There's clearly a difference between great developers and good developers. Much of it is experience, domain knowledge, and education. But it's not always that simple. Some of the best developers I've worked with did not have a wealth of experience, but they had made the most with the experience they had. They weren't the ones with the most education, but they kept learning and always drove to the root of each problem to make sure they understood why it happened, and what needed to be done to correct it. And I suppose in doing these things, they acquired the best experience in the time they had.

But how they got it, or what their specific qualifications were, aren't nearly as important as how they did the job. That's the big difference.

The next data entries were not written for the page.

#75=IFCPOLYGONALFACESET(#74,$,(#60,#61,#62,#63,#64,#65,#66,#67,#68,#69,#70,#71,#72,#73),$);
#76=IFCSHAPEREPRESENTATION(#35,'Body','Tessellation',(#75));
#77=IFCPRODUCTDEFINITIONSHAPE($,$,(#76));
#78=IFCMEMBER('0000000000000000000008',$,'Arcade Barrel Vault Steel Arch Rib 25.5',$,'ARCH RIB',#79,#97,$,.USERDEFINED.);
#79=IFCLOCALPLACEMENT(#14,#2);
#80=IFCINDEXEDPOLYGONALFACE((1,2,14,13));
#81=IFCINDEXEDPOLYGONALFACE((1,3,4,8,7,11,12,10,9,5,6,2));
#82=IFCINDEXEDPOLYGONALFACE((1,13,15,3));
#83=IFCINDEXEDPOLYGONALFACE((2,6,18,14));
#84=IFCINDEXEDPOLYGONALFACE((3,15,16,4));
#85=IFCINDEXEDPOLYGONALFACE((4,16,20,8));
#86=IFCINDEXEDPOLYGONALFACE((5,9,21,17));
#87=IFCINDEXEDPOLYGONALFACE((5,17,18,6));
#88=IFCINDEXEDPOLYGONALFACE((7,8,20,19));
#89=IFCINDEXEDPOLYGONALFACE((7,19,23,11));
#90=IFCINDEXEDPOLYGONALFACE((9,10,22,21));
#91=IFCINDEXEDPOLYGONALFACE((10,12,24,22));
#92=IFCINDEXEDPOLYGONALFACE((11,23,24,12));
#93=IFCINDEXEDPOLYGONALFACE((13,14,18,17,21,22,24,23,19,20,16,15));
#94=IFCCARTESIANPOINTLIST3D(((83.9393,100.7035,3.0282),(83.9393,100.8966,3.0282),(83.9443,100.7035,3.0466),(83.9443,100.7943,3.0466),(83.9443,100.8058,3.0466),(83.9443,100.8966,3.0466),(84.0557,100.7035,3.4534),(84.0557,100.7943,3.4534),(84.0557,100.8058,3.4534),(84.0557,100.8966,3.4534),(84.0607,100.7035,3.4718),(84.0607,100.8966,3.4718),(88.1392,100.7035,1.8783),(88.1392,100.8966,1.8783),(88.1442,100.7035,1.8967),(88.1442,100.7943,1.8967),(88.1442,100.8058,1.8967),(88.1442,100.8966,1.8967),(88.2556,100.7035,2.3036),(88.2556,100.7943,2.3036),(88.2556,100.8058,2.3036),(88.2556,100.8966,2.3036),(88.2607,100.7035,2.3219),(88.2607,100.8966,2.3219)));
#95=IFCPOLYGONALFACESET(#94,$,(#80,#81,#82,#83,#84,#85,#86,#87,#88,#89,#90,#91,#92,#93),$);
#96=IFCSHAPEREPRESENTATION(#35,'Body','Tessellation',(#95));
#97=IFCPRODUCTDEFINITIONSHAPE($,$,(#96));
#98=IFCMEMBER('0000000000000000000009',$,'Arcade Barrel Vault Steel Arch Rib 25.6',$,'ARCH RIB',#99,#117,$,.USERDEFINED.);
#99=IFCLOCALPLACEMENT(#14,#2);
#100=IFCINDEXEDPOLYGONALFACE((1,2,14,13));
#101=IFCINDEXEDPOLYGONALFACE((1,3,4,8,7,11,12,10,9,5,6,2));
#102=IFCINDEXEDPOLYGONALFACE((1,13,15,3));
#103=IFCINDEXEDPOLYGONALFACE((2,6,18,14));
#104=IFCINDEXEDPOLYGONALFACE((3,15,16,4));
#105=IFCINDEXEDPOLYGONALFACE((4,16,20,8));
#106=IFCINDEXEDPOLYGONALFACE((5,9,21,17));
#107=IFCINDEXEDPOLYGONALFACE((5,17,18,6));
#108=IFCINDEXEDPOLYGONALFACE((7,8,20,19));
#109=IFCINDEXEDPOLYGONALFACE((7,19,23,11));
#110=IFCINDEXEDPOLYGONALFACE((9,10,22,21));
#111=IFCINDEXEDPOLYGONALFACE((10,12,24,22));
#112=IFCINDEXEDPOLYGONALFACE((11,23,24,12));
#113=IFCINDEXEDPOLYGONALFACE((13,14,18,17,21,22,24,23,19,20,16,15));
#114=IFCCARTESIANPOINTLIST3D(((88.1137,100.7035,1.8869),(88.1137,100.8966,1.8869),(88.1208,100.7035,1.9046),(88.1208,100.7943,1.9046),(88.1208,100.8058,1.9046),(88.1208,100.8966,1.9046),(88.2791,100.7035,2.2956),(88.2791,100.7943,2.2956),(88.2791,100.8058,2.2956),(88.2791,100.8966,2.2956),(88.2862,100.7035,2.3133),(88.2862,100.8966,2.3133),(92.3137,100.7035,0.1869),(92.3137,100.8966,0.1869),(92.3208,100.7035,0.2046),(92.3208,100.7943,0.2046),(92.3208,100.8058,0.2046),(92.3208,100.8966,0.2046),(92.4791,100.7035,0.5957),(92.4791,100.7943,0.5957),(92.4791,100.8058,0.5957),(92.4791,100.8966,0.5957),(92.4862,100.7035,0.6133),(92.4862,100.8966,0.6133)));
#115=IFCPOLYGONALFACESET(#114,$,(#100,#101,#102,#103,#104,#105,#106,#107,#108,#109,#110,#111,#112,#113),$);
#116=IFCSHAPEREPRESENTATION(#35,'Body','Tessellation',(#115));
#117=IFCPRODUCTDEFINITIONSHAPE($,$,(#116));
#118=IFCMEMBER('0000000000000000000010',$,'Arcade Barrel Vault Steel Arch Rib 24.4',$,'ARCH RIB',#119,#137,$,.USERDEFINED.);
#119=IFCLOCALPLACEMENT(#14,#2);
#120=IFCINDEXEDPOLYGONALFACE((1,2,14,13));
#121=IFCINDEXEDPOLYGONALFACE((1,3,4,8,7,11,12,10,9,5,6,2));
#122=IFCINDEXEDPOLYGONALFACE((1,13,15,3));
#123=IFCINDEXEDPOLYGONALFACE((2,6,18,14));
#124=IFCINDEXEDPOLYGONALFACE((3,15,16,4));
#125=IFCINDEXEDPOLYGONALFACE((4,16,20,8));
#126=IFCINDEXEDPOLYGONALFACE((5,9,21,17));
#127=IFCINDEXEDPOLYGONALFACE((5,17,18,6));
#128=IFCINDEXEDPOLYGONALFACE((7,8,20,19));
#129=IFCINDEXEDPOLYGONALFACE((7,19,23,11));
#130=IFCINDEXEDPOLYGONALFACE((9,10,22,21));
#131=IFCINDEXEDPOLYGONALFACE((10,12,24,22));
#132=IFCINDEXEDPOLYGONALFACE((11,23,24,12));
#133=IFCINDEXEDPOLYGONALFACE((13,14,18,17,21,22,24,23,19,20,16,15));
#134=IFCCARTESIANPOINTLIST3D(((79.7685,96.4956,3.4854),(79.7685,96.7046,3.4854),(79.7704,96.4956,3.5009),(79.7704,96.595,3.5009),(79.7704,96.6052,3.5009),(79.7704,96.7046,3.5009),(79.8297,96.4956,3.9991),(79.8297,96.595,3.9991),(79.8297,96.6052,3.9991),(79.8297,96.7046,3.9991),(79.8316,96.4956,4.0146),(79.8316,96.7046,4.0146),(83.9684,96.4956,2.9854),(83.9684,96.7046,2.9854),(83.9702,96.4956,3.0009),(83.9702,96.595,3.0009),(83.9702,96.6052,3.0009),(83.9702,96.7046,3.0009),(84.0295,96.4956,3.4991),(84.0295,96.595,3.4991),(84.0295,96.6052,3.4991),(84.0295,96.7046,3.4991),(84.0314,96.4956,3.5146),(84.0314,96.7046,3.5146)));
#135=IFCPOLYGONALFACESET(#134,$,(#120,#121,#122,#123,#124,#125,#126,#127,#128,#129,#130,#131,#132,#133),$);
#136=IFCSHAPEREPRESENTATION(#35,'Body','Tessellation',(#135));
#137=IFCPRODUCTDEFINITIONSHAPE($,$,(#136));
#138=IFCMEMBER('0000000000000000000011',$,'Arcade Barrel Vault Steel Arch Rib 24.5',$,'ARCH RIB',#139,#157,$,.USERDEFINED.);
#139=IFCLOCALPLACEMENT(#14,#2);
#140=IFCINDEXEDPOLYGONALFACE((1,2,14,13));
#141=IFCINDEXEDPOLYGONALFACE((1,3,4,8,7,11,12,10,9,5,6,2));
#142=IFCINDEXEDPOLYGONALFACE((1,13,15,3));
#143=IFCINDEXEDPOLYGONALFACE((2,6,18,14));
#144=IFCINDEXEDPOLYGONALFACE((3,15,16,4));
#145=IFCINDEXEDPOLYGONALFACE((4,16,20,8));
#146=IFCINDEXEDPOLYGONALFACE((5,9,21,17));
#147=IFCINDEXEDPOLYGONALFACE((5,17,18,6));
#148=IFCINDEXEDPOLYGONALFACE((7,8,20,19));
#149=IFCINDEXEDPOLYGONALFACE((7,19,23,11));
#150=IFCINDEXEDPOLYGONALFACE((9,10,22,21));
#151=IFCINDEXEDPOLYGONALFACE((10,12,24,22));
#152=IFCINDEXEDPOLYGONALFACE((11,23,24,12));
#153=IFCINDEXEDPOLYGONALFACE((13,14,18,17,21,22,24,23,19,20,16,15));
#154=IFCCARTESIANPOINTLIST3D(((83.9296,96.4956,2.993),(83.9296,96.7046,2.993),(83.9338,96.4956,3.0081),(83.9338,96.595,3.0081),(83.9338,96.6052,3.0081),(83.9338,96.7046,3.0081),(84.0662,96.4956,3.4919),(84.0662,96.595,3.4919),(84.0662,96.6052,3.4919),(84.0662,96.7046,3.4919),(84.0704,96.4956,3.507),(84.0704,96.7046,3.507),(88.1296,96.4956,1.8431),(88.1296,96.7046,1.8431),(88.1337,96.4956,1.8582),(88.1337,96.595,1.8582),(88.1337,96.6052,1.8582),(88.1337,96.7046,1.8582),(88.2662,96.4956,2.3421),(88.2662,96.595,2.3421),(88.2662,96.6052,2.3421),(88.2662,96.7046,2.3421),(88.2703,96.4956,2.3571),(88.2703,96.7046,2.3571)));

A great developer is worth far more than a good one. Even the development paradigms designed to make great developers from good ones don't really work that well. Sure, they will make fewer bugs, and the effective developer multiplier might be 1.5, but it's never going to be 10.0 - it's just not realistic. I think of woodworking... using bad, rough, chipped tools in different ways may make the table look better, but it's never going to be the same as using good tools, and the right tools for the job.

While in many cases, it might not seem like it matters, in my experience there are more times that it does matter that management doesn't think it does, than times that it really doesn't matter. Management fools itself into believing that it doesn't matter if this is throw-away code. But it does. Hacks hurt.

In the end, I haven't found the replacement for a really good developer. They understand the problem, how to design the right system - not too little and it can't expand and grow, and not too much so that it's overly complicated for the task at hand. It's a skill. It's not magic or luck. And those that think it doesn't matter are kidding themselves. It does. All the time.